How does aromatic electrophilic substitution work?

First, let's have a look at all the clues in the name. Aromatic - this type of reaction is characteristic for aromatic compounds because it involves the aromatic ring. It is the only type of electrophilic substitution you should be concerned about on this level. Substitution - the general classification of these reaction, this tells us that there must be some kind of a replacemement going on, one functional group is substituted with a different one. Electrophilic - The main drive of this reaction is that an electrophilic (electron-liking) compound looks for another electron-rich one to bind with it and compensate for its own deficit. Putting it all together with benzene as the example - Benzene is the simplest aromatic compound and like all aromatic rings has delocalised electrons and is very electron-rich, it means there must be some other compound that acts as an electrophile wanting to attach to it. There are plenty of electrophiles but Cl+ is the easiest example, it wants to be attached and, knowing it's a substitution, something else must be replaced. The only possibility is a hydrogen as there's nothing else in benzene that could be a leaving group.

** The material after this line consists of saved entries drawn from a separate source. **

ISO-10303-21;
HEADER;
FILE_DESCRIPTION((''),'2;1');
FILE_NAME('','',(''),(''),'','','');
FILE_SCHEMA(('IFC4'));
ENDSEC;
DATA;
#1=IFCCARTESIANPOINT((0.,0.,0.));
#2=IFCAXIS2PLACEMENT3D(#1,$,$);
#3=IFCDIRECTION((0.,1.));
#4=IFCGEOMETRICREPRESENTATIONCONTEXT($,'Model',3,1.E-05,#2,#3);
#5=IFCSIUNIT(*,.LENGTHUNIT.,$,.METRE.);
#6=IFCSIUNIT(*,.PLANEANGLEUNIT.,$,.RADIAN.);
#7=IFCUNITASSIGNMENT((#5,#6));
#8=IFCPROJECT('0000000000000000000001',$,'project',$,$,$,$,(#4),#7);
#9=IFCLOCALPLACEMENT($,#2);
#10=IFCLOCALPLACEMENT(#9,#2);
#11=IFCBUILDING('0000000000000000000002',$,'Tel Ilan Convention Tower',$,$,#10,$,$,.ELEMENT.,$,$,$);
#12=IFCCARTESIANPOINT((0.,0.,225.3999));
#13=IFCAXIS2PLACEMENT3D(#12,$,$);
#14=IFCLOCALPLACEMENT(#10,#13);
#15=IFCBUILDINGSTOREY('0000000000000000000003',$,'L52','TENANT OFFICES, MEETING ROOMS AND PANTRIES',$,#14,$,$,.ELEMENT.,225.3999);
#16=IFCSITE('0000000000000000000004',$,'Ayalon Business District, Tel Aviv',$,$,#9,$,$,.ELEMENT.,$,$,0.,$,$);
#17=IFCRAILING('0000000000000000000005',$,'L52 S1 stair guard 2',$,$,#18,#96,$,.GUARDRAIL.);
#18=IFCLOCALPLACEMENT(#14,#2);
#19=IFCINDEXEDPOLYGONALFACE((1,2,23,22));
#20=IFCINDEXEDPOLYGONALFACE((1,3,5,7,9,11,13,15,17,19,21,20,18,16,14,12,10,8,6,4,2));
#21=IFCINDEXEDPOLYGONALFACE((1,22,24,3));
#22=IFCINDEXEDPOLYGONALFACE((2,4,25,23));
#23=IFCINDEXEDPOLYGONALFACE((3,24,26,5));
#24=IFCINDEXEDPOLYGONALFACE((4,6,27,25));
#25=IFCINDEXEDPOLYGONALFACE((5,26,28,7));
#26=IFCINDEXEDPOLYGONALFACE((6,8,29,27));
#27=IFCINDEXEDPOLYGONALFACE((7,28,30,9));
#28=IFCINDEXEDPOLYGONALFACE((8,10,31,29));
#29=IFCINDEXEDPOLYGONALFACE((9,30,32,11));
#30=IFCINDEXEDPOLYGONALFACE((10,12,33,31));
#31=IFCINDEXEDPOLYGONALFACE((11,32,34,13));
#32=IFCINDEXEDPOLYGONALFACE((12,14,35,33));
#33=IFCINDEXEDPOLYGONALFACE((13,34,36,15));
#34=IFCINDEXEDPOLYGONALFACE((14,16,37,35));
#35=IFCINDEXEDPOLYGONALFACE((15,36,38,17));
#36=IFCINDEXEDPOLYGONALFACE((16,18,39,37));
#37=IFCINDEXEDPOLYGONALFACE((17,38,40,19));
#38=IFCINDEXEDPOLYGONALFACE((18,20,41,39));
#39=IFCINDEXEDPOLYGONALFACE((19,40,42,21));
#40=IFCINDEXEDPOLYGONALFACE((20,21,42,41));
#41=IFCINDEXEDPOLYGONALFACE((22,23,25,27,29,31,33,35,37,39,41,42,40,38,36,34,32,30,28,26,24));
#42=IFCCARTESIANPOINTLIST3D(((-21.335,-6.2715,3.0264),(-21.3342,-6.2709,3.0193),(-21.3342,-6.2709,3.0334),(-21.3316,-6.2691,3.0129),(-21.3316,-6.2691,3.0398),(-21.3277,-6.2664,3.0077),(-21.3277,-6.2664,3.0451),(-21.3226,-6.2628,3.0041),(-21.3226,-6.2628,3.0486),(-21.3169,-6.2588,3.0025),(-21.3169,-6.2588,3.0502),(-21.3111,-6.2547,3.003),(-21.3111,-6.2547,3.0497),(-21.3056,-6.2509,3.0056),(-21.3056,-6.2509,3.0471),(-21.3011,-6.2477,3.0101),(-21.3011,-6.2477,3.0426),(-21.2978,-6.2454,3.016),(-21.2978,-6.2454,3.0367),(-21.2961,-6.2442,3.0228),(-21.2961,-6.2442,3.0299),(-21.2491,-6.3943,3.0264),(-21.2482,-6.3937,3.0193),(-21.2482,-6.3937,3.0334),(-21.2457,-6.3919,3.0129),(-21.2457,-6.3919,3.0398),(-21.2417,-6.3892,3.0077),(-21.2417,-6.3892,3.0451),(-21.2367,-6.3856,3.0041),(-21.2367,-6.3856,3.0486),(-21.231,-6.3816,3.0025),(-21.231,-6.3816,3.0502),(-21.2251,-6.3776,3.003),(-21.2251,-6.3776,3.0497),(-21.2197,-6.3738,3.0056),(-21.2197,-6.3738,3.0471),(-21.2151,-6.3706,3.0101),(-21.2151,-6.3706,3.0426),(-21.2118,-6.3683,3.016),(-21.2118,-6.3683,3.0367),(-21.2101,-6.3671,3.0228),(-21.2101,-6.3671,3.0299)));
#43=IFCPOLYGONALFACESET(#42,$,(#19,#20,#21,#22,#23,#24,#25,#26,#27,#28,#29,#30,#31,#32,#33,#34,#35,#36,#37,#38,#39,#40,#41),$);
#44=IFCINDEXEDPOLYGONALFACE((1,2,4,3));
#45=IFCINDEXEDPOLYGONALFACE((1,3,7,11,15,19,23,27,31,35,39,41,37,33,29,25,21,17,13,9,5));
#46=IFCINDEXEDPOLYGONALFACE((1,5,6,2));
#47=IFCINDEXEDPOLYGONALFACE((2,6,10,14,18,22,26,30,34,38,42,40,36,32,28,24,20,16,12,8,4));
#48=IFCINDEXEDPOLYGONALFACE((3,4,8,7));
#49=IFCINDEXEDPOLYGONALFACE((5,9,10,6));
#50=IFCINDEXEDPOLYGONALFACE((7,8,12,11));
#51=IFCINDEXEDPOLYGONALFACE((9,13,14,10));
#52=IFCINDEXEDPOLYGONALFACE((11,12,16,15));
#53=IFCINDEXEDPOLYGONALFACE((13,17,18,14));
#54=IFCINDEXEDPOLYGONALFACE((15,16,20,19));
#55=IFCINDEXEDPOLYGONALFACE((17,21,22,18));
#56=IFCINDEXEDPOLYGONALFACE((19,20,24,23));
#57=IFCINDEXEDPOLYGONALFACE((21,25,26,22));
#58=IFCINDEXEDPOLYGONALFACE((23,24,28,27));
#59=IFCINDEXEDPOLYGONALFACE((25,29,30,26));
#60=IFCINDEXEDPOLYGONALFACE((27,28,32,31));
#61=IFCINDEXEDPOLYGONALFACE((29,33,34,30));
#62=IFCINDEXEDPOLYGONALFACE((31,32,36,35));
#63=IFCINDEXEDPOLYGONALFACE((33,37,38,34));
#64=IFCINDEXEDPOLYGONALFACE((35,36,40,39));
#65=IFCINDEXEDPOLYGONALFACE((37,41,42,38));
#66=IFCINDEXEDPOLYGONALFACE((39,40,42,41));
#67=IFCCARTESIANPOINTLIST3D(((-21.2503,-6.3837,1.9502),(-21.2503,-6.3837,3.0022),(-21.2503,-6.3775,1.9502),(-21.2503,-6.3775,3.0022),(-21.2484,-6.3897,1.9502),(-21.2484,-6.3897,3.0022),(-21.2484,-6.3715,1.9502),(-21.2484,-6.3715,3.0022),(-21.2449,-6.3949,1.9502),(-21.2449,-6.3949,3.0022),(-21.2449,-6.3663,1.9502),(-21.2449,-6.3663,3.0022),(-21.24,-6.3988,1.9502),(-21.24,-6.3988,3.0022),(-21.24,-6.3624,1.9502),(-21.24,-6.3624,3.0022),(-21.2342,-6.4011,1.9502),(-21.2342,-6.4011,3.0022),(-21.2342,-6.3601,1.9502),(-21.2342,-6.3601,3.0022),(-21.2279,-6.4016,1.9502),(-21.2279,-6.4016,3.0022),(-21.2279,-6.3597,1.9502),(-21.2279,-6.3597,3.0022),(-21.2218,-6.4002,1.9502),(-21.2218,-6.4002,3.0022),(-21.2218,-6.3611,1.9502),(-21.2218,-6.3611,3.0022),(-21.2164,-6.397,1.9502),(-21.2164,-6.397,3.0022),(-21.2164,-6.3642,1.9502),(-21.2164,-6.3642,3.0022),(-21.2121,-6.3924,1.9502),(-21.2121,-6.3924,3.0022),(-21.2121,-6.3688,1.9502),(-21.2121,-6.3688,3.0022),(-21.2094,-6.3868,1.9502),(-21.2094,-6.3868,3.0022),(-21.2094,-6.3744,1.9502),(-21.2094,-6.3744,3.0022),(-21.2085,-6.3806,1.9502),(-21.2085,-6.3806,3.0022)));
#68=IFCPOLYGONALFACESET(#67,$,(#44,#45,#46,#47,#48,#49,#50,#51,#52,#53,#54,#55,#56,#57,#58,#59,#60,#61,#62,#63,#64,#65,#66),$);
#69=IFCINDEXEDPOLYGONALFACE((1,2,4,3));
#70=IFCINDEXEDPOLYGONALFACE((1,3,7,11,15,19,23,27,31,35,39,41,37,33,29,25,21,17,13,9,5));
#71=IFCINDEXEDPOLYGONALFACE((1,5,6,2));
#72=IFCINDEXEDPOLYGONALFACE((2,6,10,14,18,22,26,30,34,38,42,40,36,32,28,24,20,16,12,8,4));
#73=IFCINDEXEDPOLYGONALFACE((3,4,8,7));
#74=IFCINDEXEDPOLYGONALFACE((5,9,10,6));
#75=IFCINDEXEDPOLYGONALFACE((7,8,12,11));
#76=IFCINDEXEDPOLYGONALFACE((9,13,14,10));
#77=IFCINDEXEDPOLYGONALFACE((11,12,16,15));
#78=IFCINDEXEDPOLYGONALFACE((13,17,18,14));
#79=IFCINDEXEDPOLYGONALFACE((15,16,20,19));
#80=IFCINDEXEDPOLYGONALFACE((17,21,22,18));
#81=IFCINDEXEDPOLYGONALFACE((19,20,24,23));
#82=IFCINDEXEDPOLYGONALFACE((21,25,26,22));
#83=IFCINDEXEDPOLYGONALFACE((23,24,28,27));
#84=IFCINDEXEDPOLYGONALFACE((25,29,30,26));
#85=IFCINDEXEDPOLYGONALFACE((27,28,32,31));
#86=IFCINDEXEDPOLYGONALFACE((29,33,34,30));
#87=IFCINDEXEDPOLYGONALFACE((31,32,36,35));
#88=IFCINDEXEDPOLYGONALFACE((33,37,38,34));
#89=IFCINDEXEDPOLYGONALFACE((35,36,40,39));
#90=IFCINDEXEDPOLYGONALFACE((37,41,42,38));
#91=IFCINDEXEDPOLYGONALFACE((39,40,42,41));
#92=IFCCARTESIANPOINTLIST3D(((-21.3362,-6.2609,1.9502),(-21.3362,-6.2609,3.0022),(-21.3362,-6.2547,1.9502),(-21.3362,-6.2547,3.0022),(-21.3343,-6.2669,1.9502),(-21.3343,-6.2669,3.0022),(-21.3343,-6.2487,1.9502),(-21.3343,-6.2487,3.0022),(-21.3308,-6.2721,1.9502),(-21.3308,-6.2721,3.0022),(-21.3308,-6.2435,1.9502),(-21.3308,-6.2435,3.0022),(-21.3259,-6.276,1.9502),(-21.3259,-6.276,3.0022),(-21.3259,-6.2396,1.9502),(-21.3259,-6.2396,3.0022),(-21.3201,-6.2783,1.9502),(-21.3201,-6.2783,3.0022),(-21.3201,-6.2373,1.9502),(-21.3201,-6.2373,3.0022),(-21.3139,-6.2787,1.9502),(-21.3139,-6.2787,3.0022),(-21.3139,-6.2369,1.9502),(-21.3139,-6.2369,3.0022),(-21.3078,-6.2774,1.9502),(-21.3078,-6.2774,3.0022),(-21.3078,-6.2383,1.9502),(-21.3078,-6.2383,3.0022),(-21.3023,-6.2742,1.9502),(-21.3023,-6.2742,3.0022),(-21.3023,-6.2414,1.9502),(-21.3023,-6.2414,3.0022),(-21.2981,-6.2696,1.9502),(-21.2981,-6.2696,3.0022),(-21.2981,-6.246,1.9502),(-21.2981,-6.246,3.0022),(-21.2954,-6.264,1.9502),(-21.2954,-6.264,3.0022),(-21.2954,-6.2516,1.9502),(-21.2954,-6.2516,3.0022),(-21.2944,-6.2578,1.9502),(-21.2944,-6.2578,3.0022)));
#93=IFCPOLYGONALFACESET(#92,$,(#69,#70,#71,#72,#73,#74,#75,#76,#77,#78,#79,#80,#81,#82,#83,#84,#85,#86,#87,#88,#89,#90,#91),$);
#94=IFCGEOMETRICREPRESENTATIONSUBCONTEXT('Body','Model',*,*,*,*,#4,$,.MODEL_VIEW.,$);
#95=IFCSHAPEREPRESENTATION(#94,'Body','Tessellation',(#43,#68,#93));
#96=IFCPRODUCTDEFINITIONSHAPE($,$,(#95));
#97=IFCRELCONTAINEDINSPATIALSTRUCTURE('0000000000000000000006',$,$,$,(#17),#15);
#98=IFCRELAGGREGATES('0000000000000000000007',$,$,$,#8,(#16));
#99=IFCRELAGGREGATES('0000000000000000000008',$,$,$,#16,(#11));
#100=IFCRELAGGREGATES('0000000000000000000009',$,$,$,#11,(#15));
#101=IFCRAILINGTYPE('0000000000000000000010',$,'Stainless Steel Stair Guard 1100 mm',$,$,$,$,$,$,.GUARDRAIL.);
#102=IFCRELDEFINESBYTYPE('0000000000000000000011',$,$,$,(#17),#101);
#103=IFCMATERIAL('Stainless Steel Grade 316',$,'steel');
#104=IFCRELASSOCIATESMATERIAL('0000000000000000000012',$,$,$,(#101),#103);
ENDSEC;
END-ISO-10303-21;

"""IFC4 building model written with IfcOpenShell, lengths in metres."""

from ifc_helpers import new_model, si_unit, direction, frame, origin, origin_2d, place, context, subcontext, project, spatial, circle, extrude, material, type_object, element, save


model = new_model("IFC4")

# Units and contexts
model_context = context("Model", 3, precision=1e-05, world=origin(), true_north=direction((0.0, 1.0)))
body_context = subcontext(model_context, "Body", "Model", "MODEL_VIEW")
ifc_project = project(units=[si_unit("LENGTHUNIT", "METRE"), si_unit("PLANEANGLEUNIT", "RADIAN")], contexts=[model_context])

# Site, building, storey
site_placement = place(None, origin())
site = spatial("IfcSite", under=ifc_project, at=site_placement, Name="Ayalon Business District, Tel Aviv", CompositionType="ELEMENT", RefElevation=0.0)
building_placement = place(site_placement, origin())
building = spatial("IfcBuilding", under=site, at=building_placement, Name="Tel Ilan Convention Tower", CompositionType="ELEMENT")
storey_placement = place(building_placement, frame((0.0, 0.0, 225.3999)))
storey = spatial("IfcBuildingStorey", under=building, at=storey_placement, Name="L52", Description="TENANT OFFICES, MEETING ROOMS AND PANTRIES", CompositionType="ELEMENT", Elevation=225.3999)

# Railing
ifc_material_1 = material(Name="Stainless Steel Grade 316", Category="steel")
railing_type_1 = type_object("IfcRailingType", Name="Stainless Steel Stair Guard 1100 mm", PredefinedType="GUARDRAIL", material=ifc_material_1)
railing_1_placement = place(storey_placement, frame((-21.2295, -6.3806, 1.9502)))
element("IfcRailing", 1, at=railing_1_placement, inside=storey, type_object=railing_type_1, Name="L52 S1 stair guard 2", PredefinedType="GUARDRAIL", context=body_context, shape_type="SweptSolid", body=[
    extrude(circle(Radius=0.0239, at=origin_2d()), frame((0.0, 0.0, 1.0762), z_axis=(-0.573353, 0.819308, 0.0), x_axis=(-0.819308, -0.573353, 0.0)), (0.0, 0.0, 1.0), 0.1499),
    extrude(circle(Radius=0.021, at=origin_2d()), origin(), (0.0, 0.0, 1.0), 1.052),
    extrude(circle(Radius=0.021, at=origin_2d()), frame((-0.0859, 0.1228, 0.0)), (0.0, 0.0, 1.0), 1.052),
])

save(model, "model.ifc")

That all gives us the general idea: first, a catalyst such as FeCl3 must be used to break Cl2. Cl- attaches to the catalyst and Cl+ is free to attack the ring, it bonds to one of the carbons, creating a transition state when both Cl and H are attached to one carbon, disturbing the delocalised electron structure but quickly the negatively charged FeCl4 draws the hydrogen to itself, breaking the C-H bond and breaking down back to FeCl3 and newly formed HCl. The products of such a reaction are chlorobenzene (a benzene with one hydrogen replaced by Cl) and HCl.